More posts by this contributor:
There’s no shame in a $100M startup
Overdosing on VC: Lessons from 71 IPOs
Venture capital is a hell of a drug, and it’s possible to overdose on VC, but for most founders that is a champagne problem. More often the question investors hear is “how do I get a VC to back my startup?” These founders aren’t worried about how overcapitalization will make their IPO prospects trickier — they’re scrambling to get someone, anyone, to sign their first term sheet.

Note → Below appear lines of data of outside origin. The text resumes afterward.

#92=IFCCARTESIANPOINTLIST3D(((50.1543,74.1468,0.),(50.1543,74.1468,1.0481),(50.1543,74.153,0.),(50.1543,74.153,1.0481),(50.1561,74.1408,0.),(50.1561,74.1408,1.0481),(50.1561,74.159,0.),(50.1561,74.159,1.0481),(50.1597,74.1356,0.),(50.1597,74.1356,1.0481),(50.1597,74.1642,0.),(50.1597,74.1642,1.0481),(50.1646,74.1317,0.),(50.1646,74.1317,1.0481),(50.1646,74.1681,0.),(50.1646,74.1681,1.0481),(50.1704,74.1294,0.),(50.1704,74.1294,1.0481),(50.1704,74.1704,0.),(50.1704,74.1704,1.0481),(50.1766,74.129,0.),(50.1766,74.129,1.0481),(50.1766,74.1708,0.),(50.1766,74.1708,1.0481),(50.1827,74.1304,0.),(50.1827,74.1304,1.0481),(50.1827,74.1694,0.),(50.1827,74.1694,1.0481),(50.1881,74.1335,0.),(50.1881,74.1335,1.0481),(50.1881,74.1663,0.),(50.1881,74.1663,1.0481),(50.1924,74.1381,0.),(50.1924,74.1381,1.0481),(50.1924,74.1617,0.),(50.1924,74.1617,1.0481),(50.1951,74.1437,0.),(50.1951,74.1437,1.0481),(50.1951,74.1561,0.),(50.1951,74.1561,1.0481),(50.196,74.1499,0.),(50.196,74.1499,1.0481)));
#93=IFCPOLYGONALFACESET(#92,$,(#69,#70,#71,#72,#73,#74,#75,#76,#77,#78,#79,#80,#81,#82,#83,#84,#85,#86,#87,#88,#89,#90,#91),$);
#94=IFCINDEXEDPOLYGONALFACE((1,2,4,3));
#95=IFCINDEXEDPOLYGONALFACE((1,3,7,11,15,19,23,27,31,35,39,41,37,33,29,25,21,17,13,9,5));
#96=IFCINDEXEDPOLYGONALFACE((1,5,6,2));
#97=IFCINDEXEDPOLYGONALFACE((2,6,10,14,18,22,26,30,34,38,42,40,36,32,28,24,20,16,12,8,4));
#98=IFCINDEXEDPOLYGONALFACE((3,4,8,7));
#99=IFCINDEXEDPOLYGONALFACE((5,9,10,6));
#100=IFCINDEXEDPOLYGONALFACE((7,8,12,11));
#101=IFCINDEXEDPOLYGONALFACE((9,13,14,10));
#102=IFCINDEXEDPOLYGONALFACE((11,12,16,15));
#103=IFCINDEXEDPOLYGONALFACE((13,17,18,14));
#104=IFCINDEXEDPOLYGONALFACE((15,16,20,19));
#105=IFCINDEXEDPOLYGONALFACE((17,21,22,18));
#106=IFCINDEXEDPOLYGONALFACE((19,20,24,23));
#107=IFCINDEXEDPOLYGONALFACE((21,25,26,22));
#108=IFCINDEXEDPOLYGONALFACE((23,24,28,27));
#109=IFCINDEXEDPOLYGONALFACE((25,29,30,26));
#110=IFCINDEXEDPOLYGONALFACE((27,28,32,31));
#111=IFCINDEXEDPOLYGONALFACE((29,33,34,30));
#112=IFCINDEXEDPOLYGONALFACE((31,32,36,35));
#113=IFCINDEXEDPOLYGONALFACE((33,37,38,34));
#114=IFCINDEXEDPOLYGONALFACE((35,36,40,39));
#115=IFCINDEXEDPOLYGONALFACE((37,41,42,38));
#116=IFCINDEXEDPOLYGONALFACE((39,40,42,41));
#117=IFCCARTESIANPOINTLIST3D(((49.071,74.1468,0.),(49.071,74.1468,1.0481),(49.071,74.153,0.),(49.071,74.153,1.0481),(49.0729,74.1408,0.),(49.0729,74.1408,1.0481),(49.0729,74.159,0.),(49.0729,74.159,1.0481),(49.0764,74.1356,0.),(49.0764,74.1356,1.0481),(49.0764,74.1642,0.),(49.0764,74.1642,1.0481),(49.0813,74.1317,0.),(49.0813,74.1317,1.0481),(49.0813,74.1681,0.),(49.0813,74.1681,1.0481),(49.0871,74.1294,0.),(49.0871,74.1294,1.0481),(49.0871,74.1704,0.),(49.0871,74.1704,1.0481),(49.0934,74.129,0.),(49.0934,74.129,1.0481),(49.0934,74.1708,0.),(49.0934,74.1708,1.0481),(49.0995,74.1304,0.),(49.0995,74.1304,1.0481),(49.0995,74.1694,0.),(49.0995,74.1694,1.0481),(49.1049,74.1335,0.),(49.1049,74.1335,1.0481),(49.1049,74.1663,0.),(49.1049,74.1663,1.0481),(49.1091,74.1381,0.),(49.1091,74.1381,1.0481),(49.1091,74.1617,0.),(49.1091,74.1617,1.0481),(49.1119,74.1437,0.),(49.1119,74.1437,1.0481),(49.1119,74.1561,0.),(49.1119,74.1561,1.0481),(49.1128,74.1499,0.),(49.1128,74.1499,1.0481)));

There’s a widespread belief among founders that venture capital is a precursor to success. VC is a common denominator of the most successful tech startups, but it isn’t a prerequisite, especially at the early stages.

Entrepreneurs can prove out quite a bit with little to no capital. Capital won’t make your company insightful. If you can’t creatively turn $1 into $10, why do you expect to be able to turn $1 million into $10 million?

To help illustrate how startups can move forward, here are 35 examples of companies that started with a few thousand dollars, or even just sweat equity, and went on to become exemplars of what I call “efficient entrepreneurship.”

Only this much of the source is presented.